Ft. Lauderdale!!!... me trajo muchos recuerdos... he caminado por sus calles, los canales y el puente levadizo de Las Olas Bvld, la vida nocturna y las playas... una ciudad pequeña que tiene de todo.
Yo vivia en Hollywood, tambien en Broward County... Sería bacán si armas un thread de ese otro sitio 
Saludos Papiriqui


----------



## papiriqui (Mar 22, 2008)

gracias gatonegro , por tu comentario....




thewild2007 said:


> Ft. Lauderdale!!!... me trajo muchos recuerdos... he caminado por sus calles, los canales y el *puente levadizo* de Las Olas Bvld, la vida nocturna y las playas... una ciudad pequeña que tiene de todo.


gracias por tus comentarios the wild..es una ciudad "al costado" de miami ,,pero con su propio encanto....

mira como sube..










taraaaaan!












thewild2007 said:


> Yo vivia en Hollywood, tambien en Broward County... Sería bacán si armas un thread de ese otro sitio
> Saludos Papiriqui


de hecho lo hice aqui : ...
en el foro norteamericano

http://www.skyscrapercity.com/showthread.php?t=703498

estaba bacan...hasta q tuve q separar a dos chibolas q se estaban bronqueando en el thread.,donde parece q no hay moderacion........pero estoy pensado en postearlo en "ciudades del mundo" - latinscrapers

me gusta hollywood,,ojala tengas fotos de la zona,,esa foto de "la parrandita playera" y el arco iris ,,fue ahi justamente

nos vemos....


----------



## Inkandrew9 (Jul 11, 2007)

Ohhh que buen recorrido, pero lo que me matò fue el saludo de la anfitriona .... :lol:


----------



## papiriqui (Mar 22, 2008)

*lo q hay q hacer para llegar a la pg. 3 jeje (pero con aporte)*

por cierto,, gracias inkan...(solo dije lo q la anfitriona quizo..:lol





























miren como desaparecio la base del edificio ,,jajajaja (papiriqui-coperfield)





































ok eso todo...ahora si ..... hasta aqui llego mi amor!!!....(con efecto)
muchas gracias.....

chau!!!


----------



## Chris_ALOR (Aug 10, 2007)

:lol::lol: porque hiciste desaparecer la base del edificio...... me gusto la última toma kay: Saludos Papi :lol:


----------



## Inkandrew9 (Jul 11, 2007)

Ohh, buenas fotos, y hasta aqui llego el thread ... al parecer.
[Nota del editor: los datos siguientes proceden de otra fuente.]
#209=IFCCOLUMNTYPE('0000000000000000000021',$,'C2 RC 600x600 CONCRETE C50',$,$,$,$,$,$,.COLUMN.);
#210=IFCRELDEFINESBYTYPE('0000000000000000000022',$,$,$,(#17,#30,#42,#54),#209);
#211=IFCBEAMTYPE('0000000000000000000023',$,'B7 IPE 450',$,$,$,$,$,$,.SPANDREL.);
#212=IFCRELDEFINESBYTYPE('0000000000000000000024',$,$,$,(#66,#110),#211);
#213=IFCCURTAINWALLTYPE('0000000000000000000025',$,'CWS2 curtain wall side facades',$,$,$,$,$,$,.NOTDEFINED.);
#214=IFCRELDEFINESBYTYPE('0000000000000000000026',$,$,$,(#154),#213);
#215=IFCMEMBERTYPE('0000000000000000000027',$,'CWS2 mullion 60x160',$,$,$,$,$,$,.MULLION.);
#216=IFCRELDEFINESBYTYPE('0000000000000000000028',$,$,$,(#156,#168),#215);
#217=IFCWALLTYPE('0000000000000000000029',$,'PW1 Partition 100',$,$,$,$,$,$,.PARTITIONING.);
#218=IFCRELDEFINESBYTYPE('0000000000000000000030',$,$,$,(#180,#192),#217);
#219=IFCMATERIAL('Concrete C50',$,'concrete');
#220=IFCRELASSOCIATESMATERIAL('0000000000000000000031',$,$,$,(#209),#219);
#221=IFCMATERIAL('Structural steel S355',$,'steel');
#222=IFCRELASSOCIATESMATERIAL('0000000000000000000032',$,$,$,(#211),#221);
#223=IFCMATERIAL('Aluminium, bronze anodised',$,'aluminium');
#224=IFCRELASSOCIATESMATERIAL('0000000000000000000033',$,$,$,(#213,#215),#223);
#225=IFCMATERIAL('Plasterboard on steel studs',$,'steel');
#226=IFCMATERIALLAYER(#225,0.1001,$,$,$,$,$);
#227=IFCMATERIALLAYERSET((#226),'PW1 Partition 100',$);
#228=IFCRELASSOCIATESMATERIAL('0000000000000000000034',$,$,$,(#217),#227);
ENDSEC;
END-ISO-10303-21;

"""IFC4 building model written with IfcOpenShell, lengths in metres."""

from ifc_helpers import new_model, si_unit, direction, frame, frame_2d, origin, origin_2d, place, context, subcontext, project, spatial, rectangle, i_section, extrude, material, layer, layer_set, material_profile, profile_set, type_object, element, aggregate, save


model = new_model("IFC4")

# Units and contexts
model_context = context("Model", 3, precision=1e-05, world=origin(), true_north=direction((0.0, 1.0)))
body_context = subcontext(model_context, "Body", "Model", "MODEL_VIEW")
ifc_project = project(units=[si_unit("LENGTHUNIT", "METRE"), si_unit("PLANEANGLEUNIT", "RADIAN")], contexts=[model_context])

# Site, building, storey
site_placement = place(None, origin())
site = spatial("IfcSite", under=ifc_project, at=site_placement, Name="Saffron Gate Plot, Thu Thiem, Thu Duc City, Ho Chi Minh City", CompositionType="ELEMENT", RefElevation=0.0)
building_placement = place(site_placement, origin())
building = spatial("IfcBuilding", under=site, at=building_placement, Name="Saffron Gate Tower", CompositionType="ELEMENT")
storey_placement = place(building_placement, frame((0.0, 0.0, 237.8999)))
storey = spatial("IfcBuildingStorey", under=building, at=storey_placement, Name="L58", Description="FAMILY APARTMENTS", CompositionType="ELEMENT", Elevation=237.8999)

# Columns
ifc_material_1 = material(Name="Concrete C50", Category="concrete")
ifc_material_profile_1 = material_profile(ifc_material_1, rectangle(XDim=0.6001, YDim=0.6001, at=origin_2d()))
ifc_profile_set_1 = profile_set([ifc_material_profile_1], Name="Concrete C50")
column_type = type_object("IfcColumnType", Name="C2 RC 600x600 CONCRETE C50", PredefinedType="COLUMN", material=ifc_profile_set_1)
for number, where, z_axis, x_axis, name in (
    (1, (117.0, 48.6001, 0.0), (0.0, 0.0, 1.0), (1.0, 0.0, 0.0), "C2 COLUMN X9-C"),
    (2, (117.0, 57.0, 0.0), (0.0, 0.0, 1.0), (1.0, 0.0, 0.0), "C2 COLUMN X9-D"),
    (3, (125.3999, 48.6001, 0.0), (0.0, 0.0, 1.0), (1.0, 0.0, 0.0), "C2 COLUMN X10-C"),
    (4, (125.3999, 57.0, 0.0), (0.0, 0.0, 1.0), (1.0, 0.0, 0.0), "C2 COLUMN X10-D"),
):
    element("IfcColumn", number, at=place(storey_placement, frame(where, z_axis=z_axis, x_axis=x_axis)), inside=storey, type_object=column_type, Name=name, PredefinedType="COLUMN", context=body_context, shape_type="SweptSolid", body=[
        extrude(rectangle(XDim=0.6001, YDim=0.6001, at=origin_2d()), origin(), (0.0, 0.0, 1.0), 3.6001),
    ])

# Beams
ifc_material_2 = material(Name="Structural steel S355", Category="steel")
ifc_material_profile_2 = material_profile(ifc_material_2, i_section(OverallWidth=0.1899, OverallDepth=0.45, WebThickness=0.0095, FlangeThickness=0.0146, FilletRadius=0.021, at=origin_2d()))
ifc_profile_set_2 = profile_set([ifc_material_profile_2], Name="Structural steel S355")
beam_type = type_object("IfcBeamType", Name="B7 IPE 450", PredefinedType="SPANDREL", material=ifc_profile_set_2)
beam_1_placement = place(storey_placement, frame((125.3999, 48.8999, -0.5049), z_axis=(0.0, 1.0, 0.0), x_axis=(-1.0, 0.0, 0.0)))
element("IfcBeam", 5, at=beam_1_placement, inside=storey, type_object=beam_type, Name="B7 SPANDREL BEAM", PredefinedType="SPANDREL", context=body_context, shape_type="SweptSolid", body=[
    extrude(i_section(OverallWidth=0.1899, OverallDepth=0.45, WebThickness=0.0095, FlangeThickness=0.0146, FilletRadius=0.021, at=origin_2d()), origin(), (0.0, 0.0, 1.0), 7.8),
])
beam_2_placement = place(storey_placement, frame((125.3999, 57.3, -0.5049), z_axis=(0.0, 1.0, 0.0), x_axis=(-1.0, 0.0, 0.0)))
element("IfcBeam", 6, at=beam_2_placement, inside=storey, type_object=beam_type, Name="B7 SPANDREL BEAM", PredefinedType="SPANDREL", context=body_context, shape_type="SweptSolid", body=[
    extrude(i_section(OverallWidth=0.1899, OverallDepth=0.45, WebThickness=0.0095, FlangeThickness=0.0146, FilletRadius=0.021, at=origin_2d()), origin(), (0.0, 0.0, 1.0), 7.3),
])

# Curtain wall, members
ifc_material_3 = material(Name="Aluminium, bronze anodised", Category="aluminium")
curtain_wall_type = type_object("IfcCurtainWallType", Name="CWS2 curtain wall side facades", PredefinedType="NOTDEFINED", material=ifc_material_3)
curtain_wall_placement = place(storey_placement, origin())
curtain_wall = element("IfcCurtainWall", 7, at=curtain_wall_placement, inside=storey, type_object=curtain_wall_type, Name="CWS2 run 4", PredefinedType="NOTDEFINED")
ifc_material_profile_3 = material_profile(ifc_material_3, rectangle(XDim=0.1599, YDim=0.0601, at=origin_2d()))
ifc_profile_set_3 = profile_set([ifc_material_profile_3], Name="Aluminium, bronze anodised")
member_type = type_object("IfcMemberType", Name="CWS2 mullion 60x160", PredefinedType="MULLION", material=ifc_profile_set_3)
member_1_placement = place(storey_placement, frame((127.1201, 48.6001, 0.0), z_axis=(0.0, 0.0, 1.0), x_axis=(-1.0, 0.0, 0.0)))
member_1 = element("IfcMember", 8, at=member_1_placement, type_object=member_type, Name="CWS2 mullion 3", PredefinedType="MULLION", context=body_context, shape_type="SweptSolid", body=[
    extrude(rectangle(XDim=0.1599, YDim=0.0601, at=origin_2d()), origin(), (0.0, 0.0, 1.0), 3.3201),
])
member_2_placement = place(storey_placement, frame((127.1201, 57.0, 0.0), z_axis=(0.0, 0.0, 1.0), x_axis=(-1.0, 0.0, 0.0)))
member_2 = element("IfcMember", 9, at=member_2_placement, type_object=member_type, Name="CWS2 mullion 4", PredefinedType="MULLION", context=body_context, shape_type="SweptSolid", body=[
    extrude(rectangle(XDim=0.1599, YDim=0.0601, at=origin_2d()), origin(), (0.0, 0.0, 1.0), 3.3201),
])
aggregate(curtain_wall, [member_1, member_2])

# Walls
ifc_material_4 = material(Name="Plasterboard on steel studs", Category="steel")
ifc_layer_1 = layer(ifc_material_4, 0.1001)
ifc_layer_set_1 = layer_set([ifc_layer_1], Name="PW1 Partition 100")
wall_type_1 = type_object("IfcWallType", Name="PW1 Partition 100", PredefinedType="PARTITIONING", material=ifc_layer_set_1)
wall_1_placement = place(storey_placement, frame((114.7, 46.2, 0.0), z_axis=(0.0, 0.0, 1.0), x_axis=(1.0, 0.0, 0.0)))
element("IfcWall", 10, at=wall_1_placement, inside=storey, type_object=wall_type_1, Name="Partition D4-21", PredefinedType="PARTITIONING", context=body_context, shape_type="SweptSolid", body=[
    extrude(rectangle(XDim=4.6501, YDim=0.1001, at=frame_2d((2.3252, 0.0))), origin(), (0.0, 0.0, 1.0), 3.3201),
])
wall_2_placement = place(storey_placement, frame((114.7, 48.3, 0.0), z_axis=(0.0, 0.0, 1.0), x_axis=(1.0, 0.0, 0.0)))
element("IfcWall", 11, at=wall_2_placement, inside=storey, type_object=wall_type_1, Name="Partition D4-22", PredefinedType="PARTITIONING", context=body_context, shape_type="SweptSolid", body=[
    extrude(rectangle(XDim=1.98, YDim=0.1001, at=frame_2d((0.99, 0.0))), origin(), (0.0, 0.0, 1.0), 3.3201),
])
Salu2 Tigrillo

PD: Traaaanquilo Coperfield


----------



## CHIMUCHIK (May 23, 2007)

Buenas fotos papiriqui!! adios thread!!


----------



## Canelita (Jul 15, 2007)

Qué lindo por donde vives ahora, papiriqui. Las playas se ven excelentes, y la arquitectura también. Muy ameno el thread, con buenísimas fotos y tus comentarios con su toque de buen humor. 

¡Saludos!!! :cheers:

PD: Llegué a ver esa exhibición Bodies cuando estuvo por aquí en Los Ángeles. Muy didáctica y una manera original de conocer más sobre el cuerpo humano y de otros animales. Ya al final se puso un poco espeluznante, con una muestra de un hombre a caballo, los dos bien fileteaditos. Yikes! :nuts:


----------



## papiriqui (Mar 22, 2008)

gracias a todos...!

canelita tu siempre muy amable,,espero con ansias el thread cultural ,q estas preparando o bien la reaparicion del thread de los angeles...q me gusto mucho.

saludos


----------